Note that pairs of consecutive candidates are highly correlated, at 
90%.  This makes sense.  However, the rest of the correlations are 
completely counterintuitive:

   corr(A, E)
   > corr(A, D) = corr(B, E)
   > corr(A, C) = corr(B, D) = corr(C, E)

That is, the further apart candidates are on the political spectrum, the 
more correlated they are!  This is clearly flawed, so we need a better 
definition of correlation.

So, I will now propose a new method of ranking correlations.  I have not 
defined an absolute measure of correlation, which shouldn't really 
matter that much because the only correlation-based methods proposed so 
far only refer to "most correlated" and "least correlated" candidates.

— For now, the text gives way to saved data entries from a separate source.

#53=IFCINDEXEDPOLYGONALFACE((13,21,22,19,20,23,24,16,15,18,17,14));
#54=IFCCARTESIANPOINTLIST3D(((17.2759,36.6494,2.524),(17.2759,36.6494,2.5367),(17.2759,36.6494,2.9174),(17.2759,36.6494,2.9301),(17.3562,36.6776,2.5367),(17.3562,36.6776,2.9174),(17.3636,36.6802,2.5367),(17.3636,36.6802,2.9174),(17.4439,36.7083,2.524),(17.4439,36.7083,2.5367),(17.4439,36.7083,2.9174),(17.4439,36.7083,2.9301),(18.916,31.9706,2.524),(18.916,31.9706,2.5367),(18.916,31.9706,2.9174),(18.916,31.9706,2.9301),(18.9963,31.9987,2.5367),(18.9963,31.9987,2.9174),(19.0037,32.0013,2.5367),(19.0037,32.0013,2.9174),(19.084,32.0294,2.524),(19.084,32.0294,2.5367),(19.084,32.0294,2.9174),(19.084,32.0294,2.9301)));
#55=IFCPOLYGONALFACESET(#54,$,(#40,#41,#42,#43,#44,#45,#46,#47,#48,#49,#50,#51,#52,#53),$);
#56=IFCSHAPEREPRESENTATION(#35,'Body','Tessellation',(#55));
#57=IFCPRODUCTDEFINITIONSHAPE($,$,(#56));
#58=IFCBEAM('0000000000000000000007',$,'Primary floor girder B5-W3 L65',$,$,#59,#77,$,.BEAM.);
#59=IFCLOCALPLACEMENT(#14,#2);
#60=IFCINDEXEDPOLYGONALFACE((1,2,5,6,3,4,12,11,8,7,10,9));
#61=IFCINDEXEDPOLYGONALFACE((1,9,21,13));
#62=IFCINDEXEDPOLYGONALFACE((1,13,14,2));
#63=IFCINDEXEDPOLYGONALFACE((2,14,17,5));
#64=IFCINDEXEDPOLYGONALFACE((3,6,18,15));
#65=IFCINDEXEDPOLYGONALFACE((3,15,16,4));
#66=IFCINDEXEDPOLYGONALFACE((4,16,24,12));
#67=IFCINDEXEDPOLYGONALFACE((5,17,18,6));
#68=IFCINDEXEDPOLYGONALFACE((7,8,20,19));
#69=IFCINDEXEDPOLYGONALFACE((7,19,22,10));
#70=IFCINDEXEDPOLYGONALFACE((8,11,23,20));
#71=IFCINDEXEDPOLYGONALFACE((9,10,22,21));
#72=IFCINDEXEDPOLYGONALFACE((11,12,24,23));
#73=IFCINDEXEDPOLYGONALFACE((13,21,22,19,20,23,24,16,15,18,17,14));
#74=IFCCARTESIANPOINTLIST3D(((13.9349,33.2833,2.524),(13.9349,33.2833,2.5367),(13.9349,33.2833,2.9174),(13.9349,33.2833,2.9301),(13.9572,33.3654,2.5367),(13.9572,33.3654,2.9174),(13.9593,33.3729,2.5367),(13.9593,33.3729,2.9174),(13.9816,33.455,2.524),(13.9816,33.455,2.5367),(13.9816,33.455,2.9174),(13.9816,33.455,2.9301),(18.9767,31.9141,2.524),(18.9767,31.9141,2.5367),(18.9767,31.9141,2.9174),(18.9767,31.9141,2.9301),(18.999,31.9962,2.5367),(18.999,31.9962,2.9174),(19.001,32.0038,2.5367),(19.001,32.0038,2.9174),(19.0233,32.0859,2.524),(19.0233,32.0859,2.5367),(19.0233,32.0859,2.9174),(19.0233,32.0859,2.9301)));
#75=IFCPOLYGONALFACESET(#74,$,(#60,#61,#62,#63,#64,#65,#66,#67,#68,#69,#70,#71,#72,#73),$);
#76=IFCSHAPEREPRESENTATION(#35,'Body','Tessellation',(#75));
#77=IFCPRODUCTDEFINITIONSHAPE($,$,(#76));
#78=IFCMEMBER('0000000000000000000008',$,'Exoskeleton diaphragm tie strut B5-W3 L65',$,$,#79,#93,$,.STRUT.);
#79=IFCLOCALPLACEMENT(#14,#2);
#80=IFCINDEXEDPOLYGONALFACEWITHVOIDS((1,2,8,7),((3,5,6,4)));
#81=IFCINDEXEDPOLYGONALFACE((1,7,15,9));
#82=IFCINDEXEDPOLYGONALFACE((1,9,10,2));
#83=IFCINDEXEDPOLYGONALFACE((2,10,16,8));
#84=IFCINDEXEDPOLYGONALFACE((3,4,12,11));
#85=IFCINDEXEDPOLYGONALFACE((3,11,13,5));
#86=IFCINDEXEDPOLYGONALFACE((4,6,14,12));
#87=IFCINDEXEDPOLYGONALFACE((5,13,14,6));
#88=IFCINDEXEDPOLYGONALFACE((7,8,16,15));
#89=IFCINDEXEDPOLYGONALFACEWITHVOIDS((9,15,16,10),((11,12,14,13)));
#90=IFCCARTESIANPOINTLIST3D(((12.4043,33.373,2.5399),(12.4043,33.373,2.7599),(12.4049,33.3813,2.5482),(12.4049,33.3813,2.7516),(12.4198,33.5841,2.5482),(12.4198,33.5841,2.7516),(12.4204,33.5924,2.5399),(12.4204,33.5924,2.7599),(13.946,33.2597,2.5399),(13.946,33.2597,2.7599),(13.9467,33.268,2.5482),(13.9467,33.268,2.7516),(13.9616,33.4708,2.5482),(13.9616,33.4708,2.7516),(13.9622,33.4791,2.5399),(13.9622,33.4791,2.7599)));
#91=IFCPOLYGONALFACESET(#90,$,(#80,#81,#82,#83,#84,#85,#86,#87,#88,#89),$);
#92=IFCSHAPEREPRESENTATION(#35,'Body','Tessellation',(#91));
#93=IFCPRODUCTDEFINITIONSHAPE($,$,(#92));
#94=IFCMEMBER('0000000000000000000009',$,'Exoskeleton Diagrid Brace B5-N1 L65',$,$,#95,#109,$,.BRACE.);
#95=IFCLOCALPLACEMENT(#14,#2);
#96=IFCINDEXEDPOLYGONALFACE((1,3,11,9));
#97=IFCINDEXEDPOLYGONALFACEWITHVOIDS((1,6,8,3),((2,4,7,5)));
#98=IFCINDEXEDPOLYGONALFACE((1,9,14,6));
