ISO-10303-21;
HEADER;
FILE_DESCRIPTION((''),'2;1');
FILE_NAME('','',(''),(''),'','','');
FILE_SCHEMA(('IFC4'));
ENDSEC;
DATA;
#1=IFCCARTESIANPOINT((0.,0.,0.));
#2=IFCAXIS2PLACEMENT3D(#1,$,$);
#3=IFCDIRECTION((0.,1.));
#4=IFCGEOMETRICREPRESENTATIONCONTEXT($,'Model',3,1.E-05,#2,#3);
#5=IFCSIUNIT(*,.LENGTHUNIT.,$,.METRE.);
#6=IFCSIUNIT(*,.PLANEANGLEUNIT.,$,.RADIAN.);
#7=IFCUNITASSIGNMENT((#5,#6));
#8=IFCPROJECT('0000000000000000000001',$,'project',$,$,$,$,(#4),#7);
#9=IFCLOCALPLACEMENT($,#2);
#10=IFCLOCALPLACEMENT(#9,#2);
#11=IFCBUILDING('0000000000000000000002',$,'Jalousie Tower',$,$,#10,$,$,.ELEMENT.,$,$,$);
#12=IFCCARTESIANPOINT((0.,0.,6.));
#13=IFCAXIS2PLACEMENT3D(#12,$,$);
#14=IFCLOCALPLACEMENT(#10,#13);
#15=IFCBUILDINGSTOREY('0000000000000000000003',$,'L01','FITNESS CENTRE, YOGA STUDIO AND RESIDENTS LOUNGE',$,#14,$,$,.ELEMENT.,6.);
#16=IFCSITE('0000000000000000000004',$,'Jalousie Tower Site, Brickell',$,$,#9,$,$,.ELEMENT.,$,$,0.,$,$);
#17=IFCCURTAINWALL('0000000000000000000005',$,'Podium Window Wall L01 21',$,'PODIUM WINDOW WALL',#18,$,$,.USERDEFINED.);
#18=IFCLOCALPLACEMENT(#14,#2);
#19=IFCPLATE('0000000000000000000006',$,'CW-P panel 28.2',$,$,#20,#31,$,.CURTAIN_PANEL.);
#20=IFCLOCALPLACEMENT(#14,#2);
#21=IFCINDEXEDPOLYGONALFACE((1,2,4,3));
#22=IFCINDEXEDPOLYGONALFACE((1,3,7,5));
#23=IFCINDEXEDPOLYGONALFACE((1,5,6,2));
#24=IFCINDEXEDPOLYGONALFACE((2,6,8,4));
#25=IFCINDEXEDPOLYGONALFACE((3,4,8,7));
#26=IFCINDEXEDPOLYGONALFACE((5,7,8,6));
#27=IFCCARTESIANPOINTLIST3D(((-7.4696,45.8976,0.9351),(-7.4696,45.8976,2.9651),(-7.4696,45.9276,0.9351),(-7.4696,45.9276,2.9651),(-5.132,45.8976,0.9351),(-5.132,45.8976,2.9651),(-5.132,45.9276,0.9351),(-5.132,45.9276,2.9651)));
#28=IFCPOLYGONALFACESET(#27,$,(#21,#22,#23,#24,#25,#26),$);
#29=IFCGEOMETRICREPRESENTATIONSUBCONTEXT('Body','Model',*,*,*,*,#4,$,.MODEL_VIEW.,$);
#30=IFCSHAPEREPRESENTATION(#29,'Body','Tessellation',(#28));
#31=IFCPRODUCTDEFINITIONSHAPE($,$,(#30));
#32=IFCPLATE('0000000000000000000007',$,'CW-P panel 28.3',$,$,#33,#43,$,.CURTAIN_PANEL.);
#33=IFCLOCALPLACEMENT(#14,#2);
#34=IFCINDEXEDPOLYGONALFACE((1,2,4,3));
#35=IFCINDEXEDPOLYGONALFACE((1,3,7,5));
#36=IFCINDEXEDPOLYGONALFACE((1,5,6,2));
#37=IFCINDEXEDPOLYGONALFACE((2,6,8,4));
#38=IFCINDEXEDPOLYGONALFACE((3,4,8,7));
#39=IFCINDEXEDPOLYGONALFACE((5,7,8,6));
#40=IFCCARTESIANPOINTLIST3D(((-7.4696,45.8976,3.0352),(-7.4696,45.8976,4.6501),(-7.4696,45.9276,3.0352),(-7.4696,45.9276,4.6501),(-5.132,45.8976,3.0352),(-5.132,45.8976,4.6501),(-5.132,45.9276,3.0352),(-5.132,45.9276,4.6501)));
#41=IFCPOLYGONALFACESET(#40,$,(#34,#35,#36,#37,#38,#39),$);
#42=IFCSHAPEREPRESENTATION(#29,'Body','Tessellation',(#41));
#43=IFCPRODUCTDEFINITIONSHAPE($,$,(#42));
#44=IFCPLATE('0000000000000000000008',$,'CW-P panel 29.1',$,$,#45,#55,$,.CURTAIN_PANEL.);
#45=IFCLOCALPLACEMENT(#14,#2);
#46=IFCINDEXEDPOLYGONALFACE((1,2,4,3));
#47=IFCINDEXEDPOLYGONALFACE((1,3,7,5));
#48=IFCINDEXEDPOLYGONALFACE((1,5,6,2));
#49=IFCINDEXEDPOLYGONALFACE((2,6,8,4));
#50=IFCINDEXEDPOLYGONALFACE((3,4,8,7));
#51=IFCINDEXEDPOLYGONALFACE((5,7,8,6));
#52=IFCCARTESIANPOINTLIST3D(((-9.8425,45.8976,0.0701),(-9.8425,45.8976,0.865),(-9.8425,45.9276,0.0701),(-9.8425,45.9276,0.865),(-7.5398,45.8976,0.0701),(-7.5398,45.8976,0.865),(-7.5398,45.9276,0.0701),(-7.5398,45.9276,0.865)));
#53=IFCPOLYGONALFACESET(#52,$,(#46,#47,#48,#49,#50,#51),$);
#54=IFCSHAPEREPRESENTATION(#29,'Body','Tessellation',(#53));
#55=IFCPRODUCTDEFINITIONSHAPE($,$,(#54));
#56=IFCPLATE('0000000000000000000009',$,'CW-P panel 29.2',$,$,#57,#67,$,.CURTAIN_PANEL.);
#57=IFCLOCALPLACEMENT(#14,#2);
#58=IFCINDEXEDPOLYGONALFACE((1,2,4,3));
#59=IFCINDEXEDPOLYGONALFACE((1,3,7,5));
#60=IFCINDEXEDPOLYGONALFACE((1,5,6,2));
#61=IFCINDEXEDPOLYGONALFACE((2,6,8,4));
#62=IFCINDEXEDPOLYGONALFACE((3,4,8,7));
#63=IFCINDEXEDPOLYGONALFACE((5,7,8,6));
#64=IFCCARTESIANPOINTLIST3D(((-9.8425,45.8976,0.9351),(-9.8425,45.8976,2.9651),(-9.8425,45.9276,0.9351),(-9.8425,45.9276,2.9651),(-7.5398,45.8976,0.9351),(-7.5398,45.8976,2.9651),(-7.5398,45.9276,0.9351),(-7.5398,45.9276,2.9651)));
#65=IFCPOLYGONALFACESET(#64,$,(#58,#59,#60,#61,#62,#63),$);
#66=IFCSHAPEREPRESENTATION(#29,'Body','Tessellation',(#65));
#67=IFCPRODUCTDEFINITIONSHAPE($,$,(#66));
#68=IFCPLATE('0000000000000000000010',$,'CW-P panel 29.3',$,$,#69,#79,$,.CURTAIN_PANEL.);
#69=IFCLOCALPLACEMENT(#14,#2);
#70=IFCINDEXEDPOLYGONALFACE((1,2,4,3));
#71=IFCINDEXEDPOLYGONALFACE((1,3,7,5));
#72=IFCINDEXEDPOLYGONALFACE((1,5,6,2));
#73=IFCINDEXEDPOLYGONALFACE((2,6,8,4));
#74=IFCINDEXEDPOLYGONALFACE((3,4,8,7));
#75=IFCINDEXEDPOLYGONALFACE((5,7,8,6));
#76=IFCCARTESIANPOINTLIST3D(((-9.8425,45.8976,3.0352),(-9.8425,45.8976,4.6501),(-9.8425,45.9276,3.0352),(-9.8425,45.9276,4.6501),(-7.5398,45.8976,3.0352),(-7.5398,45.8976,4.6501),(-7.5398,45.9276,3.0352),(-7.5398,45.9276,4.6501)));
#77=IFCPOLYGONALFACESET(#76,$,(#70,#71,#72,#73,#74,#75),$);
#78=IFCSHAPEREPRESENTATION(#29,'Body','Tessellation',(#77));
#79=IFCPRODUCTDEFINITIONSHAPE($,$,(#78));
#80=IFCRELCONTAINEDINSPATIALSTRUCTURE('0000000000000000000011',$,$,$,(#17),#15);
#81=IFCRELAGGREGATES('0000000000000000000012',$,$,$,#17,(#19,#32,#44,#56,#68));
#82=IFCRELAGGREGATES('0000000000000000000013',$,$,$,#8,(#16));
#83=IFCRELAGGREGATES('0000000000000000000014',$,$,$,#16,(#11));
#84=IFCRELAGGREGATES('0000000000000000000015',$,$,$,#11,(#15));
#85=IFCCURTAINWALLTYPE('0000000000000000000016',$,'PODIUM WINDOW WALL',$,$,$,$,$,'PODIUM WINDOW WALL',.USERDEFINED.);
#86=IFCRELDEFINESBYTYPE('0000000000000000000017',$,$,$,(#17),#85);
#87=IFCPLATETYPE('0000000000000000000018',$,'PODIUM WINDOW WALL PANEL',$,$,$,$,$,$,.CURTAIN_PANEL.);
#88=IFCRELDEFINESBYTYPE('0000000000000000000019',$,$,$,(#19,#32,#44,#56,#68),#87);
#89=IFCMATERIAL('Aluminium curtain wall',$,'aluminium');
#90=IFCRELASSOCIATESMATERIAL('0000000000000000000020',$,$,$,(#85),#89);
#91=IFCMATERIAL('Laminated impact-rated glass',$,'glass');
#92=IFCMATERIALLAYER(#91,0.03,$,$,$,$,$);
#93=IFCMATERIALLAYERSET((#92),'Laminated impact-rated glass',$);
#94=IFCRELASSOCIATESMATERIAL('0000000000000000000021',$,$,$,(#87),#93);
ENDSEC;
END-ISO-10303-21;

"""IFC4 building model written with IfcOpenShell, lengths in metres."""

from ifc_helpers import new_model, si_unit, direction, frame, origin, origin_2d, place, context, subcontext, project, spatial, rectangle, extrude, material, layer, layer_set, type_object, element, aggregate, save


model = new_model("IFC4")

# Units and contexts
model_context = context("Model", 3, precision=1e-05, world=origin(), true_north=direction((0.0, 1.0)))
body_context = subcontext(model_context, "Body", "Model", "MODEL_VIEW")
ifc_project = project(units=[si_unit("LENGTHUNIT", "METRE"), si_unit("PLANEANGLEUNIT", "RADIAN")], contexts=[model_context])

# Site, building, storey
site_placement = place(None, origin())
site = spatial("IfcSite", under=ifc_project, at=site_placement, Name="Jalousie Tower Site, Brickell", CompositionType="ELEMENT", RefElevation=0.0)
building_placement = place(site_placement, origin())
building = spatial("IfcBuilding", under=site, at=building_placement, Name="Jalousie Tower", CompositionType="ELEMENT")
storey_placement = place(building_placement, frame((0.0, 0.0, 6.0)))
storey = spatial("IfcBuildingStorey", under=building, at=storey_placement, Name="L01", Description="FITNESS CENTRE, YOGA STUDIO AND RESIDENTS LOUNGE", CompositionType="ELEMENT", Elevation=6.0)

# Curtain wall
ifc_material_1 = material(Name="Aluminium curtain wall", Category="aluminium")
curtain_wall_type = type_object("IfcCurtainWallType", Name="PODIUM WINDOW WALL", ElementType="PODIUM WINDOW WALL", PredefinedType="USERDEFINED", material=ifc_material_1)
curtain_wall_1_placement = place(storey_placement, origin())
curtain_wall_1 = element("IfcCurtainWall", 1, at=curtain_wall_1_placement, inside=storey, type_object=curtain_wall_type, Name="Podium Window Wall L01 21", ObjectType="PODIUM WINDOW WALL", PredefinedType="USERDEFINED")

# Plates
ifc_material_2 = material(Name="Laminated impact-rated glass", Category="glass")
ifc_layer = layer(ifc_material_2, 0.03)
ifc_layer_set = layer_set([ifc_layer], Name="Laminated impact-rated glass")
plate_type = type_object("IfcPlateType", Name="PODIUM WINDOW WALL PANEL", PredefinedType="CURTAIN_PANEL", material=ifc_layer_set)
plate_1_placement = place(storey_placement, frame((-6.3008, 45.9126, 0.9351), z_axis=(0.0, 0.0, 1.0), x_axis=(-1.0, 0.0, 0.0)))
plate_1 = element("IfcPlate", 2, at=plate_1_placement, type_object=plate_type, Name="CW-P panel 28.2", PredefinedType="CURTAIN_PANEL", context=body_context, shape_type="SweptSolid", body=[
    extrude(rectangle(XDim=2.3376, YDim=0.03, at=origin_2d()), origin(), (0.0, 0.0, 1.0), 2.03),
])
plate_2_placement = place(storey_placement, frame((-6.3008, 45.9126, 3.0352), z_axis=(0.0, 0.0, 1.0), x_axis=(-1.0, 0.0, 0.0)))
plate_2 = element("IfcPlate", 3, at=plate_2_placement, type_object=plate_type, Name="CW-P panel 28.3", PredefinedType="CURTAIN_PANEL", context=body_context, shape_type="SweptSolid", body=[
    extrude(rectangle(XDim=2.3376, YDim=0.03, at=origin_2d()), origin(), (0.0, 0.0, 1.0), 1.615),
])
plate_3_placement = place(storey_placement, frame((-8.6912, 45.9126, 0.0701), z_axis=(0.0, 0.0, 1.0), x_axis=(-1.0, 0.0, 0.0)))
plate_3 = element("IfcPlate", 4, at=plate_3_placement, type_object=plate_type, Name="CW-P panel 29.1", PredefinedType="CURTAIN_PANEL", context=body_context, shape_type="SweptSolid", body=[
    extrude(rectangle(XDim=2.3027, YDim=0.03, at=origin_2d()), origin(), (0.0, 0.0, 1.0), 0.7949),
])
plate_4_placement = place(storey_placement, frame((-8.6912, 45.9126, 0.9351), z_axis=(0.0, 0.0, 1.0), x_axis=(-1.0, 0.0, 0.0)))
plate_4 = element("IfcPlate", 5, at=plate_4_placement, type_object=plate_type, Name="CW-P panel 29.2", PredefinedType="CURTAIN_PANEL", context=body_context, shape_type="SweptSolid", body=[
    extrude(rectangle(XDim=2.3027, YDim=0.03, at=origin_2d()), origin(), (0.0, 0.0, 1.0), 2.03),
])
plate_5_placement = place(storey_placement, frame((-8.6912, 45.9126, 3.0352), z_axis=(0.0, 0.0, 1.0), x_axis=(-1.0, 0.0, 0.0)))
plate_5 = element("IfcPlate", 6, at=plate_5_placement, type_object=plate_type, Name="CW-P panel 29.3", PredefinedType="CURTAIN_PANEL", context=body_context, shape_type="SweptSolid", body=[
    extrude(rectangle(XDim=2.3027, YDim=0.03, at=origin_2d()), origin(), (0.0, 0.0, 1.0), 1.615),
])
aggregate(curtain_wall_1, [plate_1, plate_2, plate_3, plate_4, plate_5])

save(model, "model.ifc")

*** THIRD-ORDER CORRELATION BEATPATH RANKING (TOCBR) ***

Step 1: Count the frequency of each possible ordering of the 3 candidates.

   A>B>C: 20
   A>B>D: 20
   A>B>E: 20
   A>C>D: 30
   A>C>E: 30
   A>D>E: 40
   B>A>C: 10
   B>A>D: 20
   B>A>E: 30
   B>C>A: 10
   B>C>D: 40
   B>C>E: 40
   B>D>A: 10
   B>D>E: 50
   B>E>A: 10
   C>A>D: 10
   C>A>E: 20
   C>B>A: 60
   C>B>D: 10
   C>B>E: 20
   C>D>A: 20
   C>D>B: 10
   C>D>E: 60
   C>E>A: 20
   C>E>B: 10
   D>A>E: 10
   D>B>A: 50
   D>B>E: 10
   D>C>A: 40
   D>C>B: 40
   D>C>E: 10
   D>E>A: 30
   D>E>B: 20
   D>E>C: 10
   E>B>A: 40
   E>C>A: 30
   E>C>B: 30
   E>D>A: 20
   E>D>B: 20
   E>D>C: 20

Step 2: Based on the triples from step 1, compute a pairwise matrix of 
pairs of candidates:

* X>Y>Z -> add 1 vote for (X=Y) > (X=Z) and (Y=Z) > (X=Z)
* X>Y=Z -> add 1 vote for (Y=Z) > (X=Y) and (Y=Z) > (X=Z)
* X=Y>Z -> add 1 vote for (X=Y) > (X=Z) and (X=Y) > (Y=Z)
* X=Y=Z -> ignore

        A=B A=C A=D A=E B=C B=D B=E C=D C=E D=E
   A=B:  0, 80, 70, 60, 10, 20, 30,  0,  0,  0
   A=C: 10,  0, 70, 60, 10,  0,  0, 10, 20,  0
   A=D: 10, 20,  0, 60,  0, 20,  0, 10,  0, 10
   A=E: 10, 20, 30,  0,  0,  0, 30,  0, 20, 10
   B=C: 10, 80,  0,  0,  0, 80, 70, 10, 20,  0
   B=D: 10,  0, 70,  0, 10,  0, 70, 10,  0, 10
   B=E: 10,  0,  0, 60, 10, 20,  0,  0, 20, 10
   C=D:  0, 20, 70,  0, 10, 80,  0,  0, 80, 10
   C=E:  0, 20,  0, 60, 10,  0, 70, 10,  0, 10
   D=E:  0,  0, 30, 60,  0, 20, 70, 10, 80,  0

Step 3: Find the strongest beatpaths between each pair of candidate 
pairs.  Rank the candidate pairs according to (# of beatpath wins) - (# 
of beatpath losses).

Using Margins in the example, we get a ranking of:

   1. B=C and C=D (6)
   3. A=B and D=E (5)
   5. A=C, B=D, and C=E (-1)
   8. A=D and B=E (-5)
   10. A=E (-9)

The only counterintuive results are B being more correlated to C than to 
A, and D being more correlated to C than E -- distinctions appearing 
between identical distances on the political spectrum.  But it's far 
more reasonable than the original definition of third-order correlation.